Представление Толстого о неумолимых законах, действующих неотвратимо вне зависимости от людских помыслов или желаний, само по себе является гнетущим мифом; законы суть лишь статистические вероятности (по крайней мере, в науках общественных), а отнюдь не жуткие, неумолимые «силы» — понятие, говорит Кареев, которое сам Толстой называл непроницаемо темным в иных случаях и по иным поводам, если оппонент выглядел чересчур простодушным, или слишком хитроумным, или обретался под влиянием нелепой, надуманной метафизики.

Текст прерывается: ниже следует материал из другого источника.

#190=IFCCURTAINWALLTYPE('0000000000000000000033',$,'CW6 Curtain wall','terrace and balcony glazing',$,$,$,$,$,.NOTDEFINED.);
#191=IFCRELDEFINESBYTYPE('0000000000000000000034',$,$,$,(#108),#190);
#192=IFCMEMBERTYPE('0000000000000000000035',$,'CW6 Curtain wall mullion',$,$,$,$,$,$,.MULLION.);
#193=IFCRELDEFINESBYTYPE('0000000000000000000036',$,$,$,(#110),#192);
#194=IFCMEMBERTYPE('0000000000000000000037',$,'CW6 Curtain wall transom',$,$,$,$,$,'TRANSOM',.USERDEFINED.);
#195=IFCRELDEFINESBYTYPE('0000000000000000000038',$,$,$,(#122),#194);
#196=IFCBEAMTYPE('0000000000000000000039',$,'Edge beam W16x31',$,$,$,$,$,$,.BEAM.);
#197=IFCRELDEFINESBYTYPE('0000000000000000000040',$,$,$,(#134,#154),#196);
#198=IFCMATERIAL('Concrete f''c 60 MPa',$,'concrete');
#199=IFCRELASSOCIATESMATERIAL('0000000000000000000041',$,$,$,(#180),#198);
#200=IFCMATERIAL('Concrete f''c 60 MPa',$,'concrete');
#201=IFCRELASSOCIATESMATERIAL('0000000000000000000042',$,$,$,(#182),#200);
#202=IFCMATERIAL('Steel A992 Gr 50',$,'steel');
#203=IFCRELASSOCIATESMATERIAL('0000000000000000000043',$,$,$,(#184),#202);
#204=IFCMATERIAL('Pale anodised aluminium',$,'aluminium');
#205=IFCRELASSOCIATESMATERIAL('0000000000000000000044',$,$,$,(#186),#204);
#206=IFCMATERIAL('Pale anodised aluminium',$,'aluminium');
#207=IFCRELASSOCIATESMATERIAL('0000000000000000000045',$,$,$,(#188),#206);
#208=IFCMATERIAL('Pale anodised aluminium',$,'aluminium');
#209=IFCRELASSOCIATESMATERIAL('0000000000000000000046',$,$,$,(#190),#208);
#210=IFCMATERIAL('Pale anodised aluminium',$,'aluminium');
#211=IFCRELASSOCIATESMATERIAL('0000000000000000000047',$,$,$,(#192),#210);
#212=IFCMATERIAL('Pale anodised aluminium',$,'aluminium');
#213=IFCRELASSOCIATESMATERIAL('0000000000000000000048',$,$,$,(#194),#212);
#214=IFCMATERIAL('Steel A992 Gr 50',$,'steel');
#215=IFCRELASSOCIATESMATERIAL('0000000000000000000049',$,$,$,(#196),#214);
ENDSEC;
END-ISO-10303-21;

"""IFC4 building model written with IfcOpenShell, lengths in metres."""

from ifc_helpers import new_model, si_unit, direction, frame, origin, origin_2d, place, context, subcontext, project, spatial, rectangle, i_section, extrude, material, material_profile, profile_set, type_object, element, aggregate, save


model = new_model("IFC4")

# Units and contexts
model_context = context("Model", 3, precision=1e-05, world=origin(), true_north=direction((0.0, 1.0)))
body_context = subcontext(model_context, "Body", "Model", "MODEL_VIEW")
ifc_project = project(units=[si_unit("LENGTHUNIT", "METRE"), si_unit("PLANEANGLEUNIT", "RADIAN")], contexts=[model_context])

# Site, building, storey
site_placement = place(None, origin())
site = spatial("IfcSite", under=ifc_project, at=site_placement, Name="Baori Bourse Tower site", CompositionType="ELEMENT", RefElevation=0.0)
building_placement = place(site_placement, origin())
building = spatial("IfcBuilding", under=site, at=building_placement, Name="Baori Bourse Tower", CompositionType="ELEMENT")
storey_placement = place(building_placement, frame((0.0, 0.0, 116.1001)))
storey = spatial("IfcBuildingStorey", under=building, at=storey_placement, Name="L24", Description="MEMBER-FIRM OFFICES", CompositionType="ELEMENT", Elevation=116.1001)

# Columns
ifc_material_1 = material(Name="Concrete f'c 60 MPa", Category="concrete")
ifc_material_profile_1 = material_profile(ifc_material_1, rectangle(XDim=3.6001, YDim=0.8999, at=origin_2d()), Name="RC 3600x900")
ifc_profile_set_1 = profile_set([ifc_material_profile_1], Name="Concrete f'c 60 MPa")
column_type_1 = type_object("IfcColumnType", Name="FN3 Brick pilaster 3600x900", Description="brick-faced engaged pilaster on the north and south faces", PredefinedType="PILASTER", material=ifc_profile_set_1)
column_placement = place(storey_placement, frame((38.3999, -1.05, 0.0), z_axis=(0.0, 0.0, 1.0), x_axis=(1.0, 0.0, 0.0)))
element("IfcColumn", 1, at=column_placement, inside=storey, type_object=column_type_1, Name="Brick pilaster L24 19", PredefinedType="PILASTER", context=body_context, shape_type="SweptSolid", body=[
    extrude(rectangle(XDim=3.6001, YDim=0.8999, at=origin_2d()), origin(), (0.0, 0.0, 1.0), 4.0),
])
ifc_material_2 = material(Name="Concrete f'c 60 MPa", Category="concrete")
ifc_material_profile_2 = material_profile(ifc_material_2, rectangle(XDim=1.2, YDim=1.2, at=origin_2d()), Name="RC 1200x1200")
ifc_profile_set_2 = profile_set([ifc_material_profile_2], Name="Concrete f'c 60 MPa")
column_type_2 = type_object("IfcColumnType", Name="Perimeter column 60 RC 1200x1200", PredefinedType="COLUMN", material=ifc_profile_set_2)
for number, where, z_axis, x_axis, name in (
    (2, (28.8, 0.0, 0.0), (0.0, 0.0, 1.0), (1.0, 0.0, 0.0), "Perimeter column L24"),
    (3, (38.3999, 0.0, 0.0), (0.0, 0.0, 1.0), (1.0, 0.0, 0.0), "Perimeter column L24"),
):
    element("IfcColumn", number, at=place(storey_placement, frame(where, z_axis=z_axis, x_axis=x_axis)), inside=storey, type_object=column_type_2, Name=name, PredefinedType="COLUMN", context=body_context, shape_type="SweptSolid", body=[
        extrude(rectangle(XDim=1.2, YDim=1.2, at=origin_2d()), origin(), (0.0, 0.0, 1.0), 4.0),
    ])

Но уверять, будто люди (если они отнюдь не творцы истории) — лишь «ярлыки» (особенно «великие люди»), поелику история творит себя сама; будто лишь бессознательное существование общественного улья, человеческого муравейника обладает истинным значением, ценностью и «реальностью» — что же это, коль скоро не этический скептицизм, отрицающий историю и утверждающий догму? С какой стати нам его принимать, если эмпирические свидетельства и опыт указывают в иную сторону?
Встречные кареевские доводы весьма разумны — перед нами самая здравая и ясно высказанная изо всех отповедей на исторические утверждения Толстого. Но все же, в известном смысле Кареев недоглядел. Толстой отнюдь не только затем вскрывал и выставлял напоказ ошибки историков, опиравшихся на те или другие метафизические схемы, либо старавшихся объяснить слишком уж многое, исходя из одного- единственного элемента истории, особо дорогого автору (тут Кареев с Толстым согласен вполне), — и не только затем отрицал саму возможность обществоведения, то есть эмпирической науки социологии (тут Кареев считает суждение Толстого опрометчивым), чтобы построить какую-нибудь собственную теорию-соперницу. У толстовского интереса к истории гораздо более глубокие истоки, нежели отвлеченное любопытство к методам, применяющимся историками, нежели стремление философски возразить против определенных приемов и способов исторического исследования.
Похоже, интерес коренится в чем-то более личном: в горьком внутреннем противоречии меж накопленным жизненным опытом — и убеждениями; меж воззрениями на жизнь — и теоретическими представлениями о том, каковыми надлежит стать и жизни, и ему самому, Льву Толстому, дабы подобные воззрения были выносимы вообще; меж непосредственно получаемыми извне сведениями, коих Толстой, будучи слишком честен и слишком разумен, оставлять незамеченными не смел, — и потребностью истолковать их таким образом, чтобы не вернуться к детским несуразностям всех предшествовавших взглядов.
Ибо наиглавнейшее убеждение, которое темперамент и ум понуждали Толстого свято сохранять всю жизнь, гласило: все предыдущие попытки создать рациональную теодицею — пояснить, как и отчего то, что случилось, случилось именно так и тогда; и почему лучше или хуже было этому случиться, или не случиться вообще, — все подобные поползновения были несуразной бессмыслицей, низкопробным надувательством, и достало бы одного резкого, правдивого слова, дабы их развеять.